I should throw my fish back. I just wouldn’t mind weighing it first.
Brad loses whatever was stuck on his line, and Brice comes back to my cow. At least it certainly looks big enough.
“Gotta be thirty pounds,” he says as he lifts it onto the scale.
Gotta be.
I watch the needle on the scale as it settles. Thirty-six. My biggest-ever catch. I bite back a grin. I shouldn’t feel as pleased as I do.
“Grab this mother and I’ll take a picture,” Brice says.
Why not? I can always delete it. Maybe Lucy would want to see it. I hand him my phone and take the fish. The feel of it—the smell—reminds me of summers spent out on the boat with my dad.
I hold it and look into the camera.
“We can eat that tonight,” Ed says. “Great catch, Hunter.”
“Nah. We’ve got a chef booked for tonight.” I glance at my watch. It’s just over five minutes since I caught this thing. “I better get him back,” I say.
“If you’re going to do it, do it now,” Brice says.
I launch the bass off the side of the boat, watching as it comes to life after hitting the water. I bet it thought it wasn’t going to get a second chance. I hope it survives.
Before I can second-guess myself, I type out a message to my dad and send him the shot of me with the bass. We haven’t spoken in a few months. That will make his day.
Reluctantly, I retake my spot next to Ed.
“You’re a dark horse,” Ed says. “First you’re secretly dating Lucy, and now you’re a fisherman.”
I can’t help but chuckle. “Not a dark horse. I used to fish with my dad when I was a kid. Haven’t done it in years.” We would go out every weekend. I loved those weekends, just one-on-one with my dad. I wanted so badly to grow up to be exactly like him. It was why I did finance in college. I wanted to take over the family business. I wanted to become the man he was.
And then everything changed.
“Have you spoken to him?” Ed asks.
“My dad? Sure. A few weeks back.” It’s a lie. But a small one.
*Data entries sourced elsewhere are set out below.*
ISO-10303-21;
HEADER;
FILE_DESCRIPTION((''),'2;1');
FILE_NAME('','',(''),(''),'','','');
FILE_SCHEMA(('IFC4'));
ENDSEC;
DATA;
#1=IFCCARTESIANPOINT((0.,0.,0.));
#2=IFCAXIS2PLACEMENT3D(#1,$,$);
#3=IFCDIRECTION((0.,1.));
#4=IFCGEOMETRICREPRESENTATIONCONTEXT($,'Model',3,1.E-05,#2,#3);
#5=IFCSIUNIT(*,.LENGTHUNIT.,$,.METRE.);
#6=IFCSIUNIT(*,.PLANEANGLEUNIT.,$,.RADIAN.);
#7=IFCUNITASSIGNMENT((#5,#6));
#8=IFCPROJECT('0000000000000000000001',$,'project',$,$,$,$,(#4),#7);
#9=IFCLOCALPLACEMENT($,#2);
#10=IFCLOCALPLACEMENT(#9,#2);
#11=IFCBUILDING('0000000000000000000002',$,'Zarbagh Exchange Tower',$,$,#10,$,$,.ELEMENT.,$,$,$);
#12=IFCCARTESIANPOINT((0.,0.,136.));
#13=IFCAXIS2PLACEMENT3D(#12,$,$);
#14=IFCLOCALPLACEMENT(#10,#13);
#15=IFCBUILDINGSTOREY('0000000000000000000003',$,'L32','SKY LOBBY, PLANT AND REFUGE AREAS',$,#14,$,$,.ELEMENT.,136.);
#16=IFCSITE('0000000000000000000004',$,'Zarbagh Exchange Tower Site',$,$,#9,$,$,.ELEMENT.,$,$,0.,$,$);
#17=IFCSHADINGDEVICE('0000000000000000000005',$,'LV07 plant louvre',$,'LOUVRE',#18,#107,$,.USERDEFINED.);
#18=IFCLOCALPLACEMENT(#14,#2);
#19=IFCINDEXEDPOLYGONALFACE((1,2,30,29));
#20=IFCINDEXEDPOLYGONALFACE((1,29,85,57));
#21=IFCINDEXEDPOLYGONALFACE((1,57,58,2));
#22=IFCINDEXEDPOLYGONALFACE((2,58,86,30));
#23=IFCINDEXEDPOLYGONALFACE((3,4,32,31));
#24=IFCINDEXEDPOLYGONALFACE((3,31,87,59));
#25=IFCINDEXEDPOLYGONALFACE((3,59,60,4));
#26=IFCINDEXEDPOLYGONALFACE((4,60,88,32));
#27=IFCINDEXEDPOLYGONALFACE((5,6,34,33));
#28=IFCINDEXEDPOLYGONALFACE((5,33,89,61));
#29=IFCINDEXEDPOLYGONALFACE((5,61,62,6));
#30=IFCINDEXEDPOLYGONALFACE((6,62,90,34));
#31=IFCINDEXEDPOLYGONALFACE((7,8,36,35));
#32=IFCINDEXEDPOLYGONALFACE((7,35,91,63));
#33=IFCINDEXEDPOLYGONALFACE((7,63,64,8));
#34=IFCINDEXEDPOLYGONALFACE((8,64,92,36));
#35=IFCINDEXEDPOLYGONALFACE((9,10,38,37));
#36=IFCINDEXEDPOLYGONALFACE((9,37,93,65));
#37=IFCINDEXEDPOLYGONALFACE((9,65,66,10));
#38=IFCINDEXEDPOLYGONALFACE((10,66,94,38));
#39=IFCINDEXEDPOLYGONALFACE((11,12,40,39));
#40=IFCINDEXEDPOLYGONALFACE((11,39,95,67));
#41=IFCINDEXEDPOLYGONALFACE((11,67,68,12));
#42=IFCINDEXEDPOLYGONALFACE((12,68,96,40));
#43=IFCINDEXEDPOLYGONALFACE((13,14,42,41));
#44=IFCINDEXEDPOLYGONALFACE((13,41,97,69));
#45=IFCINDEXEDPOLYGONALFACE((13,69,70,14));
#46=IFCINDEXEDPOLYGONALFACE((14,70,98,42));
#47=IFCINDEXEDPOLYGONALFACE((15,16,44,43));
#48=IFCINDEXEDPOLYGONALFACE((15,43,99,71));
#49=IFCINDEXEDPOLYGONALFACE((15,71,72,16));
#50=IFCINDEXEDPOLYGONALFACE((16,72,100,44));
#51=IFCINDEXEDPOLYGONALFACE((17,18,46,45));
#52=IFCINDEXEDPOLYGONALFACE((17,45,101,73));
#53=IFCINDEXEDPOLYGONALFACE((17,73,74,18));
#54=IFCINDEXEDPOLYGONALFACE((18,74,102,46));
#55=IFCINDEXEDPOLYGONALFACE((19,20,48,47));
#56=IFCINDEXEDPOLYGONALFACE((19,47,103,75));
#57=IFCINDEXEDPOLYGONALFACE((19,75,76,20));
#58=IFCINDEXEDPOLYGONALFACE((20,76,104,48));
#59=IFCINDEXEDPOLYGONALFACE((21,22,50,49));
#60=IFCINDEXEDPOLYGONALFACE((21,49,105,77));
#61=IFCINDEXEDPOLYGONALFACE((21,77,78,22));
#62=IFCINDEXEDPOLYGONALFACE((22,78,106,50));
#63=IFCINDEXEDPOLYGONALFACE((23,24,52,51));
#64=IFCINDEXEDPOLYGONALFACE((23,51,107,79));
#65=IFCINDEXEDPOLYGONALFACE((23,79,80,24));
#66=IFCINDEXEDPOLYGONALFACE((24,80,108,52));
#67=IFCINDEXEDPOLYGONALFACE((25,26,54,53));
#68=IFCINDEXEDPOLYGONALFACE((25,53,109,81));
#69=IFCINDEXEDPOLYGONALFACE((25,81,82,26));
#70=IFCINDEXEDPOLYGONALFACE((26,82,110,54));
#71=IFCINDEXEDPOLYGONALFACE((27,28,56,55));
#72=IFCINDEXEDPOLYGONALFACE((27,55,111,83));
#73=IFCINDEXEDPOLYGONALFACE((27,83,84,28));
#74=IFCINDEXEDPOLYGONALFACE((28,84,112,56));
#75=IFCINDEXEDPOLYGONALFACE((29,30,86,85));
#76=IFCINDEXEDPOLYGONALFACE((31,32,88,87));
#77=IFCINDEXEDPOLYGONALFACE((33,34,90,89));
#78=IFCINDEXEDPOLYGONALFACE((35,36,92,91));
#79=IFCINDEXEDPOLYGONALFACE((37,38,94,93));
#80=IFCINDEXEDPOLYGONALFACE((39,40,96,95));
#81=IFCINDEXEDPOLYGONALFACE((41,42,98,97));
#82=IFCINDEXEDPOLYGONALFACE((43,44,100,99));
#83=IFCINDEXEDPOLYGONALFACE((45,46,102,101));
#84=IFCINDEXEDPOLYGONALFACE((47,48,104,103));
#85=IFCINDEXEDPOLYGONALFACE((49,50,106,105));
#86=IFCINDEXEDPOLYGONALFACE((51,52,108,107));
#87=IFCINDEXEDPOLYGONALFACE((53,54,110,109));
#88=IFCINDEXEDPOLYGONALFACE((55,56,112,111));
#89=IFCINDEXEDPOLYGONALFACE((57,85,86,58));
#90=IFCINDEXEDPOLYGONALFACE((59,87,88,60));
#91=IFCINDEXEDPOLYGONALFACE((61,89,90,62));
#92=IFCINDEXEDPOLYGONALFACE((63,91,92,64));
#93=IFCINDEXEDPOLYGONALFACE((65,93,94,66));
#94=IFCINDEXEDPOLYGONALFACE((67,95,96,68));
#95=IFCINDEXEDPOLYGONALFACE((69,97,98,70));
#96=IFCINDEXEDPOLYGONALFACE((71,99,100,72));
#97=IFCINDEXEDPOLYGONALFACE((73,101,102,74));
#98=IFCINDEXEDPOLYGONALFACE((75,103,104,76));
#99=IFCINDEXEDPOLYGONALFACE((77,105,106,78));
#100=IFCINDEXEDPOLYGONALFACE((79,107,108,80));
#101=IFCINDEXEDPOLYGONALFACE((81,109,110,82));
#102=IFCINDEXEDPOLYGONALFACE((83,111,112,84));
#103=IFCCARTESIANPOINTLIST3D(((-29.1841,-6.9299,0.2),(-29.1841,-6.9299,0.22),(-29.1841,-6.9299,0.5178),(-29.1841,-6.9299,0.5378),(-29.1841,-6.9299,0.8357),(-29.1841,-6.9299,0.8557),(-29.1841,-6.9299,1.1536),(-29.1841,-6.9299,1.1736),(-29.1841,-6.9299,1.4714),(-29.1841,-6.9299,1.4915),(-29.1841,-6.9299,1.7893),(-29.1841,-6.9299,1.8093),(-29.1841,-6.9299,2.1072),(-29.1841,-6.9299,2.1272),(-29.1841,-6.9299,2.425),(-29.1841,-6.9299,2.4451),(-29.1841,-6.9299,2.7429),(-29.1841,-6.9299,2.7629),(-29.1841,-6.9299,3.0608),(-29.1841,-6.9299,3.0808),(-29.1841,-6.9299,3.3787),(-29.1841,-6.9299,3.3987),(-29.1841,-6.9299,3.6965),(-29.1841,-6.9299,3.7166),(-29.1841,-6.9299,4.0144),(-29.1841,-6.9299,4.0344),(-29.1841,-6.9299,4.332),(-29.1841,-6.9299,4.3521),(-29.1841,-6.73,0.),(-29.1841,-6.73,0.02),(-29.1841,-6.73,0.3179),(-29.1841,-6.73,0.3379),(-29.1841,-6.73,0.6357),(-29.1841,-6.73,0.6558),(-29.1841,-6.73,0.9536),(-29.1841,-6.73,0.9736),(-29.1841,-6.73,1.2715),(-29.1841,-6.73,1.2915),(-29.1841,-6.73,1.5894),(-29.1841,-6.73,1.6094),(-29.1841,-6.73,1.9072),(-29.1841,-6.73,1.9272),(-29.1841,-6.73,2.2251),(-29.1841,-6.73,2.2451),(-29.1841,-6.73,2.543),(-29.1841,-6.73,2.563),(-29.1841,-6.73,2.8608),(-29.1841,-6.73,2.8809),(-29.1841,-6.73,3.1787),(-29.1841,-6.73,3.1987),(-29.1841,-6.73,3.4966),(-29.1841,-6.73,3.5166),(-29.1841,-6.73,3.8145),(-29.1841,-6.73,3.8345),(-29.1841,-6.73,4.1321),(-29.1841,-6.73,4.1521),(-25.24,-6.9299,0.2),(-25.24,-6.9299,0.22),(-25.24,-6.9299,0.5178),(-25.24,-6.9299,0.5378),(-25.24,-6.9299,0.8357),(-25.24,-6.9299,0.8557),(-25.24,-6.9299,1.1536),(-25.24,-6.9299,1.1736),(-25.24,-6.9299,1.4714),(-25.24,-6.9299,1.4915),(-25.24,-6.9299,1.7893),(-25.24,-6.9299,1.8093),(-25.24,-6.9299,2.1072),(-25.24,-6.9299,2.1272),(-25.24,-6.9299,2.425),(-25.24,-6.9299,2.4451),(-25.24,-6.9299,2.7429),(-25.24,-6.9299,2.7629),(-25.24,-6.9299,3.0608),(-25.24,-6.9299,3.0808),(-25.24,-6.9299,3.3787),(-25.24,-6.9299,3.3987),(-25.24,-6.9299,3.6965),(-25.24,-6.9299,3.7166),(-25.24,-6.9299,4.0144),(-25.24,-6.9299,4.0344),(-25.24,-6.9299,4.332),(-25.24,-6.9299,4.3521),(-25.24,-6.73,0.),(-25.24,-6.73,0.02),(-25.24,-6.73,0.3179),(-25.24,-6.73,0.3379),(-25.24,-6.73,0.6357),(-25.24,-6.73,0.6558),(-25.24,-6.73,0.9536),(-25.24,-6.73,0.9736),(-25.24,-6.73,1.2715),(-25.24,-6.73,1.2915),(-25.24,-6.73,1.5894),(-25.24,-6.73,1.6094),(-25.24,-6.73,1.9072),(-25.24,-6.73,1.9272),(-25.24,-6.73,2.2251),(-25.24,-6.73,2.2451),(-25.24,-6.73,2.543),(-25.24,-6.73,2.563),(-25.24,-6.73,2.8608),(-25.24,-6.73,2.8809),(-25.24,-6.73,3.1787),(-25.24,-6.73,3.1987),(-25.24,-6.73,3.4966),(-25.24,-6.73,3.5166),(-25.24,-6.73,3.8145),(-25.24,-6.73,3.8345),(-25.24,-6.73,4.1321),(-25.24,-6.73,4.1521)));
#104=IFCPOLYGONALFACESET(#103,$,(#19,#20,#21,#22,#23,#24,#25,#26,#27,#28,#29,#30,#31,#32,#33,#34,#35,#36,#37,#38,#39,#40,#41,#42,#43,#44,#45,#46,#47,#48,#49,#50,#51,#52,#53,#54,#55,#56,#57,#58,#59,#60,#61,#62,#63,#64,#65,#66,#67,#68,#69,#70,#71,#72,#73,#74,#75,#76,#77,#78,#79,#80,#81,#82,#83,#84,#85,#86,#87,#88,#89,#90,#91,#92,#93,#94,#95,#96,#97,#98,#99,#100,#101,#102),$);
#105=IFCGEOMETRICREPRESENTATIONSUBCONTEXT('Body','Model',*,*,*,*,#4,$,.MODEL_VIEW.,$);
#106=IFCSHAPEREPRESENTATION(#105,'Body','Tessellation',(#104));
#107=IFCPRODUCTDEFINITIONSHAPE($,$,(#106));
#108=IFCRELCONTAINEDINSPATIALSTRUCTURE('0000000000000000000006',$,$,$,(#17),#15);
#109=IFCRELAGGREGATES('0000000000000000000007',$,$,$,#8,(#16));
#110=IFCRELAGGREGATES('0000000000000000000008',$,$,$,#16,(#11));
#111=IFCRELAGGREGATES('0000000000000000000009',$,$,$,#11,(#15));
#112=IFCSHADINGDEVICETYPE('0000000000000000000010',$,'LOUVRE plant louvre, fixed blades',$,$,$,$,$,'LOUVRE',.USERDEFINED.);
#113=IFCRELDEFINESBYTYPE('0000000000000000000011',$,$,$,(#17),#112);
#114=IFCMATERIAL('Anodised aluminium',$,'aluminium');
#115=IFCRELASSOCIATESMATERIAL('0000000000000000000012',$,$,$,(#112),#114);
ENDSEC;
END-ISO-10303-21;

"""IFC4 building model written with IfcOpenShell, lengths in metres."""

from ifc_helpers import new_model, si_unit, direction, frame, origin, place, context, subcontext, project, spatial, polyline, outline, extrude, source, transform, mapped, material, type_object, element, save


model = new_model("IFC4")

# Units and contexts
model_context = context("Model", 3, precision=1e-05, world=origin(), true_north=direction((0.0, 1.0)))
body_context = subcontext(model_context, "Body", "Model", "MODEL_VIEW")
ifc_project = project(units=[si_unit("LENGTHUNIT", "METRE"), si_unit("PLANEANGLEUNIT", "RADIAN")], contexts=[model_context])

# Site, building, storey
site_placement = place(None, origin())
site = spatial("IfcSite", under=ifc_project, at=site_placement, Name="Zarbagh Exchange Tower Site", CompositionType="ELEMENT", RefElevation=0.0)
building_placement = place(site_placement, origin())
building = spatial("IfcBuilding", under=site, at=building_placement, Name="Zarbagh Exchange Tower", CompositionType="ELEMENT")
storey_placement = place(building_placement, frame((0.0, 0.0, 136.0)))
storey = spatial("IfcBuildingStorey", under=building, at=storey_placement, Name="L32", Description="SKY LOBBY, PLANT AND REFUGE AREAS", CompositionType="ELEMENT", Elevation=136.0)

# Shared definitions
placement = place(storey_placement, origin())

# Shared definitions
ifc_material_1 = material(Name="Anodised aluminium", Category="aluminium")
shading_device_type = type_object("IfcShadingDeviceType", Name="LOUVRE plant louvre, fixed blades", ElementType="LOUVRE", PredefinedType="USERDEFINED", material=ifc_material_1)

# Shading device
shared_shape_1 = source(origin(), body_context, "Body", "SweptSolid", [
    extrude(outline(polyline([(0.0, 0.2), (0.2, 0.0), (0.2, -0.02), (0.0, 0.1799), (0.0, 0.2)])), origin(), (0.0, 0.0, 1.0), 3.9441),
])
element("IfcShadingDevice", 1, at=placement, inside=storey, type_object=shading_device_type, Name="LV07 plant louvre", ObjectType="LOUVRE", PredefinedType="USERDEFINED", context=body_context, shape_type="MappedRepresentation", body=[
    mapped(shared_shape_1, transform((-29.1841, -6.73, 0.2), x_axis=(0.0, -1.0, 0.0), y_axis=(0.0, 0.0, -1.0), z_axis=(1.0, 0.0, 0.0))),
    mapped(shared_shape_1, transform((-29.1841, -6.73, 0.5178), x_axis=(0.0, -1.0, 0.0), y_axis=(0.0, 0.0, -1.0), z_axis=(1.0, 0.0, 0.0))),
    mapped(shared_shape_1, transform((-29.1841, -6.73, 0.8357), x_axis=(0.0, -1.0, 0.0), y_axis=(0.0, 0.0, -1.0), z_axis=(1.0, 0.0, 0.0))),
    mapped(shared_shape_1, transform((-29.1841, -6.73, 1.1536), x_axis=(0.0, -1.0, 0.0), y_axis=(0.0, 0.0, -1.0), z_axis=(1.0, 0.0, 0.0))),
    mapped(shared_shape_1, transform((-29.1841, -6.73, 1.4714), x_axis=(0.0, -1.0, 0.0), y_axis=(0.0, 0.0, -1.0), z_axis=(1.0, 0.0, 0.0))),
    mapped(shared_shape_1, transform((-29.1841, -6.73, 1.7893), x_axis=(0.0, -1.0, 0.0), y_axis=(0.0, 0.0, -1.0), z_axis=(1.0, 0.0, 0.0))),
    mapped(shared_shape_1, transform((-29.1841, -6.73, 2.1072), x_axis=(0.0, -1.0, 0.0), y_axis=(0.0, 0.0, -1.0), z_axis=(1.0, 0.0, 0.0))),
    mapped(shared_shape_1, transform((-29.1841, -6.73, 2.425), x_axis=(0.0, -1.0, 0.0), y_axis=(0.0, 0.0, -1.0), z_axis=(1.0, 0.0, 0.0))),
    mapped(shared_shape_1, transform((-29.1841, -6.73, 2.7429), x_axis=(0.0, -1.0, 0.0), y_axis=(0.0, 0.0, -1.0), z_axis=(1.0, 0.0, 0.0))),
“That’s not what I mean. Have you spoken to him about the business?”
I gaze out at the ocean. “Nope. What’s the point? He either knew the business was going down and let me take over a sinking ship, or he didn’t know, which makes him an idiot. Either way, there’s no upside to talking to him about it.” Dad finally retired five years after I graduated college. I’d spent those five years learning the business from top to bottom—or so I thought. I knew the clients. I understood the regulatory requirements. I was ready.
Except I wasn’t. Dad had kept the financial performance of the business a secret. He’d told me parts, but I never got enough information to get a full picture. I can’t help but think that was deliberate. He had to know Bain Insurance was in dire financial straits. The lease on our offices was too expensive and so tightly drafted it was impossible to get out of or move and sublet. The salaries of a lot of the people who’d been there long before me were vastly inflated, but too much valuable company history sat with them, so it was impossible to fire them. And there wasn’t any new business coming through.
I tried everything I could to save the business. It was unsalvageable.
“But maybe he has an explanation.”
“He’s had plenty of time to give it to me. It’s been nearly six years since we filed Chapter 7.”
I spent a long time blaming myself. My dad had run Bain Insurance for most of his professional life, and he’d provided our family with a good life. We had a vacation home on the lake. A home in one of the nicest suburbs in Philadelphia. We never wanted for anything. It was an idyllic life. One I wanted to replicate for my own family.
“Maybe he’s embarrassed.”
“So letting his son take the fall is okay?”
“No one thinks Bain failing had anything to do with you.”
I let out a cynical laugh. “Of course they do. They all look at the situation and see that Brian Bain ran a successful business his whole life, and then within a couple of years of his son taking over, it was all gone. And he’s been a coward all these years and never set anyone straight.”